A Swift Swarf
Happy almost-Christmas to you and yours and all and sundry! Hope you are getting ready to hunker down with the beloveds and gaze upon something twinkly, if only each other.
Last weekend I needed easy knitting for a two-night train trip to Rhode Island. My Striped Marl Hat was not qualified for the job, because it was at the awkward teenage phase of needing to be transferred to double-points, or two circulars, for the last few crown decreases, and I do not do DPNs on public transportation. The obvious solution: cast on something new.
It’s Swarfin’ Time
Winding 223 yards per skein in the cramped quarters allotted to me by Amtrak was harder than I thought it would be. It was was one of those 4 seats around a folding table situations, and the other three people really wanted the table folded down, so it was a little bit hunchy, but I persevered. And that ended up being the most difficult part of my Swarf experience.
The Swarf itself fairly flew! In the few knitting hours available to me over a convivial weekend, I made it all the way to the last 16 rows of the front.
After the bright colors of my Color Explosion Throw and my latest Marlogram Scarf, Tynd’s softly glowing neutrals are very compelling. The Tynd colors have a depth that the word neutral doesn’t convey. If these are neutrals, they are rich, lustrous neutrals that I want in my life all the time. If this is what a tasteful palette is, guess who’s come down with a sudden and unexpected case of Exquisite Taste! Your girl, me!
Tynd’s colors are lush to begin with. When you marl them, they melt into each other. My colors A, B, C, D, and E are: 12, 17, 19, 32 and 33.
Here’s the only problem: I just want to keep going. What a luxurious scarf this would make, if I kept on in this palette, occasionally adding something a bit unexpected to the mix, like the gold of color 27, or the inky carbon of color 05.

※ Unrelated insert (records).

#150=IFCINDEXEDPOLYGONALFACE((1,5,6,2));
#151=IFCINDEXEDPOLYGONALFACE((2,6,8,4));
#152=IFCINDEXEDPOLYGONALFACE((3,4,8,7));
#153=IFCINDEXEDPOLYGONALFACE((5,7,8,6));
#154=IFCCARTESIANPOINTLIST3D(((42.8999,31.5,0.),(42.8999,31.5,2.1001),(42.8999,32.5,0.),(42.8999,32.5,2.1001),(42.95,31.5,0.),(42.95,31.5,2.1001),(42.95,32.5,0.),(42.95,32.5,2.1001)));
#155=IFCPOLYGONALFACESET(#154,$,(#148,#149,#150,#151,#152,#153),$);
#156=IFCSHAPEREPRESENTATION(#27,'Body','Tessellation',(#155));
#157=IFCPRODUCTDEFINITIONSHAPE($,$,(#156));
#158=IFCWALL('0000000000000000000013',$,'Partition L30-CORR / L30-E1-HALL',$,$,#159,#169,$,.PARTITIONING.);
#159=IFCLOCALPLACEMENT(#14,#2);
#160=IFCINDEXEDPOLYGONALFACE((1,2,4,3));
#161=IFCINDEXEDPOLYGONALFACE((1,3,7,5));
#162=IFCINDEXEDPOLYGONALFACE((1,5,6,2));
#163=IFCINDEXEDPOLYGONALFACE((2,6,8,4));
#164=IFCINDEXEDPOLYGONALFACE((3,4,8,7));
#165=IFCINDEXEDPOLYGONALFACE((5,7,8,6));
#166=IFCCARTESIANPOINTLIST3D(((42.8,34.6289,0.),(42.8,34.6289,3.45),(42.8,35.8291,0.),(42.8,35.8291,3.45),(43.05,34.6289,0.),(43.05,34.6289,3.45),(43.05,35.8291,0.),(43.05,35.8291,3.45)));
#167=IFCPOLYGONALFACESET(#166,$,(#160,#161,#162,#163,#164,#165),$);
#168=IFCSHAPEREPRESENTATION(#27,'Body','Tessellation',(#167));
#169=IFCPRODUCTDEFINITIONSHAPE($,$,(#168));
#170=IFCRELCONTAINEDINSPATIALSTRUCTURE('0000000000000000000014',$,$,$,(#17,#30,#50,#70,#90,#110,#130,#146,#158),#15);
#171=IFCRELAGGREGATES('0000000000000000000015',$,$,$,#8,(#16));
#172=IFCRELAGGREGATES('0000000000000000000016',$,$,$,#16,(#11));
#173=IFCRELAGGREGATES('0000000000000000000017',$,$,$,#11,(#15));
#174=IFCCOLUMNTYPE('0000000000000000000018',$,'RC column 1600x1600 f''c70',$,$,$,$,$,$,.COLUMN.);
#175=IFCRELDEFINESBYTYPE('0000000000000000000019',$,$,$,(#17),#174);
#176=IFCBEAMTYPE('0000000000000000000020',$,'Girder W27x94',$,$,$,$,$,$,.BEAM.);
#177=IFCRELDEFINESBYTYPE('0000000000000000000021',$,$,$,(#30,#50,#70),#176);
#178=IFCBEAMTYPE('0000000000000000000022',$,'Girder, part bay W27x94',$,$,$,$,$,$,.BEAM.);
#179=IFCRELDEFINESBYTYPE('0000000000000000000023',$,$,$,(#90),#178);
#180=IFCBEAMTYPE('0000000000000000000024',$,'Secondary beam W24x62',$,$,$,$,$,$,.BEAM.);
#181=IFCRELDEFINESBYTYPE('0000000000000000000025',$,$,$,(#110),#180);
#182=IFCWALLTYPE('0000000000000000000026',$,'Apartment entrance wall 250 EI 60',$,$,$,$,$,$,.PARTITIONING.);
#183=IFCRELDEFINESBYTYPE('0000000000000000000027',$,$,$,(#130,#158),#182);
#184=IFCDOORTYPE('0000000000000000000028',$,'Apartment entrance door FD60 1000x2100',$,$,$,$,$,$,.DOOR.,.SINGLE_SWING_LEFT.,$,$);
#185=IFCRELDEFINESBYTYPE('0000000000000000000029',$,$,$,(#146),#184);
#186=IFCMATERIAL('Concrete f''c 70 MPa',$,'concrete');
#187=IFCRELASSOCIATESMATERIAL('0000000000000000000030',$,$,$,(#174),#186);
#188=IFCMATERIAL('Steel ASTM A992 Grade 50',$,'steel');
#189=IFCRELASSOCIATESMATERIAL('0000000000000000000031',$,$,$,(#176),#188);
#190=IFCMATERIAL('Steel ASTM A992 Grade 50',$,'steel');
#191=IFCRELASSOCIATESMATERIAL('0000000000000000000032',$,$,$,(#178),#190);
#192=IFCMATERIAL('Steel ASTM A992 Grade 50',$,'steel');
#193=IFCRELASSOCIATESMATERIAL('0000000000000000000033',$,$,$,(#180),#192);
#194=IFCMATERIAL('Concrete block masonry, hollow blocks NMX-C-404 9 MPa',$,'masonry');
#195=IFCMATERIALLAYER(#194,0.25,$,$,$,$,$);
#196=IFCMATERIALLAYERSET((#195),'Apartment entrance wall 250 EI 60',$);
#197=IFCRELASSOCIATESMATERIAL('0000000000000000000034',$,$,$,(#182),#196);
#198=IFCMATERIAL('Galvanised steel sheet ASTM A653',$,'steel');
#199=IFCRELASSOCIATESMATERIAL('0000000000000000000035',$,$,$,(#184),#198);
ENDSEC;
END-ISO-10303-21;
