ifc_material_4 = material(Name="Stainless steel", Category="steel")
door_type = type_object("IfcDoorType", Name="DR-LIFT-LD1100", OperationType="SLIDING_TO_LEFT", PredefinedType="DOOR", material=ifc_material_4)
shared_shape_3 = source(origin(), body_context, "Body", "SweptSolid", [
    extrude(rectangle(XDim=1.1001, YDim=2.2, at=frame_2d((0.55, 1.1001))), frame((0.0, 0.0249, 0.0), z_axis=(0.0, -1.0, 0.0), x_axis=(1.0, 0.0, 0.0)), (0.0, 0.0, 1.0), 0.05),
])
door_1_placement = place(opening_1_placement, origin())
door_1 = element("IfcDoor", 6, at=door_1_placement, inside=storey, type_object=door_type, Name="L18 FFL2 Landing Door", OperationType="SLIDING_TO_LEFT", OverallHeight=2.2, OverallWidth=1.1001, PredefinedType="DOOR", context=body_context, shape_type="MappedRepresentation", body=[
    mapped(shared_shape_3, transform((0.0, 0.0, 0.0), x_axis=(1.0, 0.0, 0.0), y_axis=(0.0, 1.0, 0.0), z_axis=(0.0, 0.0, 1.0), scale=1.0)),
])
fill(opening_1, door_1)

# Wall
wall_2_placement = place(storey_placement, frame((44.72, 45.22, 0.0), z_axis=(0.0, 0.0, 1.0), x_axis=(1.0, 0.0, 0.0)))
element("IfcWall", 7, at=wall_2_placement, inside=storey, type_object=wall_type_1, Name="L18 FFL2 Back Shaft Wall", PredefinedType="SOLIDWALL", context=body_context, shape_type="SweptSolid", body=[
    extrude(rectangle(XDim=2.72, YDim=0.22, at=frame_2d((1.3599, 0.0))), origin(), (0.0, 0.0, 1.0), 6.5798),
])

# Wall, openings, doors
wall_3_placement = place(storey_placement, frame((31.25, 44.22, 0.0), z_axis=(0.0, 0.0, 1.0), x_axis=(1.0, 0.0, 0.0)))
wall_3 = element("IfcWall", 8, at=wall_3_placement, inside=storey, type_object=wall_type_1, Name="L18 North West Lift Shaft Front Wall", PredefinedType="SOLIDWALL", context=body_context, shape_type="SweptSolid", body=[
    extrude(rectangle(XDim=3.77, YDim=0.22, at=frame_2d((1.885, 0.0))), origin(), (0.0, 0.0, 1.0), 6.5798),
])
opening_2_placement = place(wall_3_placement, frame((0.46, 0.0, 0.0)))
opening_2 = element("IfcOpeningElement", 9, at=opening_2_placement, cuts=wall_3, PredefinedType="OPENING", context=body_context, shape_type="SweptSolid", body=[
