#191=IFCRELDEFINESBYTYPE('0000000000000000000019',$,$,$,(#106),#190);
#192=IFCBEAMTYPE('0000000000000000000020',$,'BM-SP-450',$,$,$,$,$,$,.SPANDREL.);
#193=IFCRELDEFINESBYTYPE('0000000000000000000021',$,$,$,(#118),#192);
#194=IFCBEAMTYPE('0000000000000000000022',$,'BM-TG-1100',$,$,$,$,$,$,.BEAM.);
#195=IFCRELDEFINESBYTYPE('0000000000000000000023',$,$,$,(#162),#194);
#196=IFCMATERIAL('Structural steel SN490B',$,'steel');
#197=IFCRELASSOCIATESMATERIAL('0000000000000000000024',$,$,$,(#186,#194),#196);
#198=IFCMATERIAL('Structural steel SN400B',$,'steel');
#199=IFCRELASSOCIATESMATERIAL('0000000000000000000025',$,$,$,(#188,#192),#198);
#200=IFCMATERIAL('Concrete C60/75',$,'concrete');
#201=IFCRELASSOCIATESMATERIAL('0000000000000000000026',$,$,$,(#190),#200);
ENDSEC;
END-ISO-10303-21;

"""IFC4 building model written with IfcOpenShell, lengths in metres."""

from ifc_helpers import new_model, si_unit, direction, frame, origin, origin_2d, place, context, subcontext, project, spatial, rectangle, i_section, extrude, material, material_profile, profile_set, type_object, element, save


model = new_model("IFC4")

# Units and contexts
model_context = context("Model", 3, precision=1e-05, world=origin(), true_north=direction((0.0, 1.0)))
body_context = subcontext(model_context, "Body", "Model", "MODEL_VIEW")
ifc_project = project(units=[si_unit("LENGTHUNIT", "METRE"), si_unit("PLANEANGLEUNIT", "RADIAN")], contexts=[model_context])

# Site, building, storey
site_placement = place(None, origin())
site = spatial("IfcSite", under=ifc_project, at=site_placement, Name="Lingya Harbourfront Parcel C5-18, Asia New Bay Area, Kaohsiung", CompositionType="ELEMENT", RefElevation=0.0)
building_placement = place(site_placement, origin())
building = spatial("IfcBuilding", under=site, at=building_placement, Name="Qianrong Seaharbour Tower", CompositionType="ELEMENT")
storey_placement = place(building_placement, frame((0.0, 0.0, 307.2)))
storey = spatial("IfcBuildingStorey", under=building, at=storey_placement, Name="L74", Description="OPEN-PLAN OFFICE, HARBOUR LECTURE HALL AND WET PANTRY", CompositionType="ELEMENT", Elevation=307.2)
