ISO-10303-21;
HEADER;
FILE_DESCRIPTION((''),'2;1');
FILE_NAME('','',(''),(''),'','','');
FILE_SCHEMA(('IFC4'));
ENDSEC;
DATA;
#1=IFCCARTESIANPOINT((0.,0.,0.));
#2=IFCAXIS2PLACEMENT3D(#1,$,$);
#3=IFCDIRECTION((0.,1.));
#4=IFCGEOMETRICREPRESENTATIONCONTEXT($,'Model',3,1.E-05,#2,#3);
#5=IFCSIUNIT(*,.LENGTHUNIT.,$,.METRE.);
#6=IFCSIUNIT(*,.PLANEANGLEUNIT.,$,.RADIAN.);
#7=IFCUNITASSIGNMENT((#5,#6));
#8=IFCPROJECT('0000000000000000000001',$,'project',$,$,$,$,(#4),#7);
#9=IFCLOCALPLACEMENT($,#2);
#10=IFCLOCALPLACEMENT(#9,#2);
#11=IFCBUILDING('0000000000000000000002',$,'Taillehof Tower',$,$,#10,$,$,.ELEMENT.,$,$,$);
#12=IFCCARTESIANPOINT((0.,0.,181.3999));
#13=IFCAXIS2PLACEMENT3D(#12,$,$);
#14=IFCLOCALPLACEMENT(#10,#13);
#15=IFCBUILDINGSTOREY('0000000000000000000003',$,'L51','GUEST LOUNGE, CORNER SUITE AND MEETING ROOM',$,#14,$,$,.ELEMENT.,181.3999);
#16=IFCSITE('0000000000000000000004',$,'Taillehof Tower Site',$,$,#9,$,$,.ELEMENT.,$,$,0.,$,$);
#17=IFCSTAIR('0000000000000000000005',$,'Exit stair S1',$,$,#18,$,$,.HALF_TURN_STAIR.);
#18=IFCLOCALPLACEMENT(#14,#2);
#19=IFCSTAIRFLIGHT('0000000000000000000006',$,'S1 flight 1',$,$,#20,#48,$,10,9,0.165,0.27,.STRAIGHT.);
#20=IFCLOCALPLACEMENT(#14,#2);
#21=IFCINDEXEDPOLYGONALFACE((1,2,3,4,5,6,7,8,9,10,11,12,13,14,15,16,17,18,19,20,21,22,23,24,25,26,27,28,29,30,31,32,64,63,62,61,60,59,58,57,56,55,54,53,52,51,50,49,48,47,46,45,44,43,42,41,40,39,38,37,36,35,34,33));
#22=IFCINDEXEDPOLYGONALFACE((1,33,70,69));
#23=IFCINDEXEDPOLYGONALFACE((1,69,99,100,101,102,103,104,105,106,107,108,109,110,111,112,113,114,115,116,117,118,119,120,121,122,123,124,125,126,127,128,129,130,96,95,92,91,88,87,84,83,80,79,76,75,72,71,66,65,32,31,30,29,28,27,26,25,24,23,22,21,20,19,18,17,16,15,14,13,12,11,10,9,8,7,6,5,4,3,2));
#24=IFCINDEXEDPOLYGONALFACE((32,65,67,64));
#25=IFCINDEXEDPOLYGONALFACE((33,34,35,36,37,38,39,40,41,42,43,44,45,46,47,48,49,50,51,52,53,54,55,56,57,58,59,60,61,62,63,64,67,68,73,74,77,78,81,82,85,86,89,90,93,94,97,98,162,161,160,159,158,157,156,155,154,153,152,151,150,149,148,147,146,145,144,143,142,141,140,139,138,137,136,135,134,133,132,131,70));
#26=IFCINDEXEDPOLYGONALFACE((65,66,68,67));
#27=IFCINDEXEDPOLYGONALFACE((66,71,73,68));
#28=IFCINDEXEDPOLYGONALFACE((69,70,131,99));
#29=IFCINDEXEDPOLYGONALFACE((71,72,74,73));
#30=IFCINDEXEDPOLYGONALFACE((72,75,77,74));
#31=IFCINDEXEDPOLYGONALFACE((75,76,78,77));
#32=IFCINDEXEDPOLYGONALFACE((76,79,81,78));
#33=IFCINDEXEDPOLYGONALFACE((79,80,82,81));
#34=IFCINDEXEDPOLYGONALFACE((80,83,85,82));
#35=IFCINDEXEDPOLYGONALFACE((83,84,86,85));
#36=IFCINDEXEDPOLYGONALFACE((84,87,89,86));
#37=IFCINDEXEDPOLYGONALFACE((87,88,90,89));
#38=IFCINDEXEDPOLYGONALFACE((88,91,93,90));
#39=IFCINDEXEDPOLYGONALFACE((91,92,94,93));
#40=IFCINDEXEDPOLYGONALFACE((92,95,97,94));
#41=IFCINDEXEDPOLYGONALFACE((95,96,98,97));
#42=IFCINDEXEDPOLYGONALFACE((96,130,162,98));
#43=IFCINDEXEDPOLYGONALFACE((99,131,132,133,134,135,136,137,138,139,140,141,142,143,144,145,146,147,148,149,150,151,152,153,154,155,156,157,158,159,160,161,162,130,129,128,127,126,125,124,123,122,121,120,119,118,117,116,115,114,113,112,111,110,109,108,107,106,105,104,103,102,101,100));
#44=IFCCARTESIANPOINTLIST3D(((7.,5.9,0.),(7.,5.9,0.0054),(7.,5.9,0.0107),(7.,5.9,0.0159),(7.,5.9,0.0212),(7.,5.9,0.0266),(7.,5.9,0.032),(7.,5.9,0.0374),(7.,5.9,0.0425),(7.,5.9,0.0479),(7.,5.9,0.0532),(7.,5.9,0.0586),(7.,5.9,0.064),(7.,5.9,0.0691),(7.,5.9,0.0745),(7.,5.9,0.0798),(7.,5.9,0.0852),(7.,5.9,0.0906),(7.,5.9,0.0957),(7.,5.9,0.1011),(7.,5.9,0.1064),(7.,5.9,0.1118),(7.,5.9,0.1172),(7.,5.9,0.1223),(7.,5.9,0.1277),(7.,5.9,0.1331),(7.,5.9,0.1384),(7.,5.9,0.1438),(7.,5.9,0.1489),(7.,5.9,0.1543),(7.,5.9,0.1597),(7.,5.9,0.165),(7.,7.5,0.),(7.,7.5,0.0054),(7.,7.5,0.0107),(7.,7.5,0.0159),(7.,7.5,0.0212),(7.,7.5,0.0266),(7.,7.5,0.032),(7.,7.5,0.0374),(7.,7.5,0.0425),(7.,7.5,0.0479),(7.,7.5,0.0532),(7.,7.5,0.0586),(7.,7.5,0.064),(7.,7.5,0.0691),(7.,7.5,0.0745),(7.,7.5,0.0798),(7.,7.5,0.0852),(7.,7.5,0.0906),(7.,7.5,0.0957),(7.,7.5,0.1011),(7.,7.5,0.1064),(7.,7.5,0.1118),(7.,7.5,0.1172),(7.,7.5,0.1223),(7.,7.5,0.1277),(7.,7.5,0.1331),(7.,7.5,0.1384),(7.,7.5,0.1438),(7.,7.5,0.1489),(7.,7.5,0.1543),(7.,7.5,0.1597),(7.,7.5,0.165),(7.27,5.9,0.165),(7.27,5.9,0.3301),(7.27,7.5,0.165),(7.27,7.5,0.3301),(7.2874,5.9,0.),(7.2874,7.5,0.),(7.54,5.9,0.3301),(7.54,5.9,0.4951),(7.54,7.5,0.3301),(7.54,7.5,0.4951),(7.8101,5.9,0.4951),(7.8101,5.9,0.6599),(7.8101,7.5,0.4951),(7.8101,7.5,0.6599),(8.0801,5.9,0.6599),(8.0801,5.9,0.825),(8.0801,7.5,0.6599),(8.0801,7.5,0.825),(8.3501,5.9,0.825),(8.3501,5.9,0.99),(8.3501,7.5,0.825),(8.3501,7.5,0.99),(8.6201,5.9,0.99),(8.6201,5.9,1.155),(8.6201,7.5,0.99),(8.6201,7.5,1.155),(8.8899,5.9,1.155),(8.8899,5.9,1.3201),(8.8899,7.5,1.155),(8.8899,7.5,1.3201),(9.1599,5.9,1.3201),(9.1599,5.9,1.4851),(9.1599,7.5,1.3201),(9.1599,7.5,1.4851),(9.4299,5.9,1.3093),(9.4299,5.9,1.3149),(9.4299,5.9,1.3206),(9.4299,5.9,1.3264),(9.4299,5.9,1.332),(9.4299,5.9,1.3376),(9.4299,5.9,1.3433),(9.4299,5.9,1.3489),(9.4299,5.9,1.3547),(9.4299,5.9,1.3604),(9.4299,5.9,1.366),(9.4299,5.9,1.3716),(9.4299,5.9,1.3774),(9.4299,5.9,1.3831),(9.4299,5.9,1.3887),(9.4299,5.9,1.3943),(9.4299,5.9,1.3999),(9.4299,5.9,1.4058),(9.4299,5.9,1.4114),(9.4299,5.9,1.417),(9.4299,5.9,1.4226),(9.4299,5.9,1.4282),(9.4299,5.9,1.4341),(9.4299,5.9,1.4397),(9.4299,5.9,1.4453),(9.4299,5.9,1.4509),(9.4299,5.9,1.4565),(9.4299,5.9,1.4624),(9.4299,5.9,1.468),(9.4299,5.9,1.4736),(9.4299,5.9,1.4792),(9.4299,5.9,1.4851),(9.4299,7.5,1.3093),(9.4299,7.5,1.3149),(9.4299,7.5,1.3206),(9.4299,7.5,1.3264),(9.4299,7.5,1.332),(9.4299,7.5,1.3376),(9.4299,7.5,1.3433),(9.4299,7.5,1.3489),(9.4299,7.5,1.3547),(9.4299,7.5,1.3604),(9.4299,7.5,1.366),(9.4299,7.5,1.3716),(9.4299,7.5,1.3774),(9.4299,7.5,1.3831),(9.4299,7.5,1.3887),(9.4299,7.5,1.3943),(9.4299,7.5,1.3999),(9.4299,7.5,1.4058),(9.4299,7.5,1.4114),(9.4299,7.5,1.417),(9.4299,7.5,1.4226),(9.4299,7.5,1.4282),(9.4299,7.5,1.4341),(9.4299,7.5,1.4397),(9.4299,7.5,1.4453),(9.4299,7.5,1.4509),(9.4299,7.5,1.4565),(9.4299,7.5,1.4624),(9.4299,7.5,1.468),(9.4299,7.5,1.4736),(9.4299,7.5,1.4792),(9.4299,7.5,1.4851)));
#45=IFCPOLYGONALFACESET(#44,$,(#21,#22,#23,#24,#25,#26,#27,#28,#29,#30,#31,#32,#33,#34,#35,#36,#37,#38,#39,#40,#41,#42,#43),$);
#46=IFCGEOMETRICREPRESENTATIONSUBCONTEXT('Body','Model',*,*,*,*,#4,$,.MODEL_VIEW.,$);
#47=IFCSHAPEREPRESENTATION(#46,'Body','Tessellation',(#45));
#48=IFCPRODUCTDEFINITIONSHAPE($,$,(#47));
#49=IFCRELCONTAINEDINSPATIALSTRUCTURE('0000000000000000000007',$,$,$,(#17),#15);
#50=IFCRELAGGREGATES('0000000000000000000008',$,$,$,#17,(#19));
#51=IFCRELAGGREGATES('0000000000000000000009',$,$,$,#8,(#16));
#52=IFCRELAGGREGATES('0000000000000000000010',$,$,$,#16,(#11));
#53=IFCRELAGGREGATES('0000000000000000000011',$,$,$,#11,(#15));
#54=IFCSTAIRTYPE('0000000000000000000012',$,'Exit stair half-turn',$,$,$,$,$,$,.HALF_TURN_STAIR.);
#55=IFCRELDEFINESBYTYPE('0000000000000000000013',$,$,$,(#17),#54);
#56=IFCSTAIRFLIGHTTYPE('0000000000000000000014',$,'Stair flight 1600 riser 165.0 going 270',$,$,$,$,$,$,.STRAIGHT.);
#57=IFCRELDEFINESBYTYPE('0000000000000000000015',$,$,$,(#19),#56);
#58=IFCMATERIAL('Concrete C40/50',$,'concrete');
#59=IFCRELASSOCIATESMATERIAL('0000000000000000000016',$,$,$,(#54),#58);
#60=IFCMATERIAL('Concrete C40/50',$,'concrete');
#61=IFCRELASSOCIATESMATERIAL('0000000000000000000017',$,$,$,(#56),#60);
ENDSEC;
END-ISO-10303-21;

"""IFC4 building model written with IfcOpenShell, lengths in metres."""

from ifc_helpers import new_model, si_unit, direction, frame, origin, place, context, subcontext, project, spatial, polyline, outline, extrude, material, type_object, element, aggregate, save


model = new_model("IFC4")

# Units and contexts
model_context = context("Model", 3, precision=1e-05, world=origin(), true_north=direction((0.0, 1.0)))
body_context = subcontext(model_context, "Body", "Model", "MODEL_VIEW")
ifc_project = project(units=[si_unit("LENGTHUNIT", "METRE"), si_unit("PLANEANGLEUNIT", "RADIAN")], contexts=[model_context])

# Site, building, storey
site_placement = place(None, origin())
site = spatial("IfcSite", under=ifc_project, at=site_placement, Name="Taillehof Tower Site", CompositionType="ELEMENT", RefElevation=0.0)
building_placement = place(site_placement, origin())
building = spatial("IfcBuilding", under=site, at=building_placement, Name="Taillehof Tower", CompositionType="ELEMENT")
storey_placement = place(building_placement, frame((0.0, 0.0, 181.3999)))
storey = spatial("IfcBuildingStorey", under=building, at=storey_placement, Name="L51", Description="GUEST LOUNGE, CORNER SUITE AND MEETING ROOM", CompositionType="ELEMENT", Elevation=181.3999)

# Shared definitions
ifc_material_1 = material(Name="Concrete C40/50", Category="concrete")
stair_type = type_object("IfcStairType", Name="Exit stair half-turn", PredefinedType="HALF_TURN_STAIR", material=ifc_material_1)

# Stair, stair flight
stair_1_placement = place(storey_placement, origin())
stair_1 = element("IfcStair", 1, at=stair_1_placement, inside=storey, type_object=stair_type, Name="Exit stair S1", PredefinedType="HALF_TURN_STAIR")
ifc_material_2 = material(Name="Concrete C40/50", Category="concrete")
stair_flight_type = type_object("IfcStairFlightType", Name="Stair flight 1600 riser 165.0 going 270", PredefinedType="STRAIGHT", material=ifc_material_2)
stair_flight_placement = place(storey_placement, frame((7.0, 6.7, 0.0), z_axis=(0.0, 0.0, 1.0), x_axis=(1.0, 0.0, 0.0)))
stair_flight = element("IfcStairFlight", 2, at=stair_flight_placement, type_object=stair_flight_type, Name="S1 flight 1", NumberOfRisers=10, NumberOfTreads=9, PredefinedType="STRAIGHT", RiserHeight=0.165, TreadLength=0.27, context=body_context, shape_type="SweptSolid", body=[
    extrude(outline(polyline([(0.0, 0.0), (0.0, 0.0054), (0.0, 0.0107), (0.0, 0.0159), (0.0, 0.0212), (0.0, 0.0266), (0.0, 0.032), (0.0, 0.0374), (0.0, 0.0425), (0.0, 0.0479), (0.0, 0.0532), (0.0, 0.0586), (0.0, 0.064), (0.0, 0.0691), (0.0, 0.0745), (0.0, 0.0798), (0.0, 0.0852), (0.0, 0.0906), (0.0, 0.0957), (0.0, 0.1011), (0.0, 0.1064), (0.0, 0.1118), (0.0, 0.1172), (0.0, 0.1223), (0.0, 0.1277), (0.0, 0.1331), (0.0, 0.1384), (0.0, 0.1438), (0.0, 0.1489), (0.0, 0.1543), (0.0, 0.1597), (0.0, 0.165), (0.27, 0.165), (0.27, 0.3301), (0.54, 0.3301), (0.54, 0.4951), (0.8101, 0.4951), (0.8101, 0.6599), (1.0801, 0.6599), (1.0801, 0.825), (1.3501, 0.825), (1.3501, 0.99), (1.6201, 0.99), (1.6201, 1.155), (1.8899, 1.155), (1.8899, 1.3201), (2.1599, 1.3201), (2.1599, 1.4851), (2.4299, 1.4851), (2.4299, 1.4792), (2.4299, 1.4736), (2.4299, 1.468), (2.4299, 1.4624), (2.4299, 1.4565), (2.4299, 1.4509), (2.4299, 1.4453), (2.4299, 1.4397), (2.4299, 1.4341), (2.4299, 1.4282), (2.4299, 1.4226), (2.4299, 1.417), (2.4299, 1.4114), (2.4299, 1.4058), (2.4299, 1.3999), (2.4299, 1.3943), (2.4299, 1.3887), (2.4299, 1.3831), (2.4299, 1.3774), (2.4299, 1.3716), (2.4299, 1.366), (2.4299, 1.3604), (2.4299, 1.3547), (2.4299, 1.3489), (2.4299, 1.3433), (2.4299, 1.3376), (2.4299, 1.332), (2.4299, 1.3264), (2.4299, 1.3206), (2.4299, 1.3149), (2.4299, 1.3093), (0.2874, 0.0), (0.0, 0.0)])), frame((0.0, 0.8, 0.0), z_axis=(0.0, -1.0, 0.0), x_axis=(1.0, 0.0, 0.0)), (0.0, 0.0, 1.0), 1.6),
])
aggregate(stair_1, [stair_flight])

save(model, "model.ifc")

At this width, knit to a long enough length to double-wrap around the neck, it would be a gorgeous scarf for someone who likes their scarves to envelop them, to make a statement. (That would be me.) But if I narrowed the width by one repeat of the texture pattern (16 stitches), and knit it to a mere 36-inch length, it would be perfect for the type of person who likes a scarf to fold neatly inside their coat, without adding bulk. I’m always looking for a scarf like that, as I have people like that on my list, and it’s hard to find a scarf pattern that is small and simple enough for them to want to wear, and enough fun for me to want to knit it. This is the one!
Obligatory portrait mode.
I’m sticking with the Swarf. I have the perfect jacket for it, and I am determined to make my Swarf dreams into my Swarf reality. But in my mind I’m already casting on two more scarves in this simple—simply luxurious—texture pattern. But I would request that in our mini-Swarfalong coming up in early January (get on board, everyone!)—scarves be permitted, in addition to Swarves.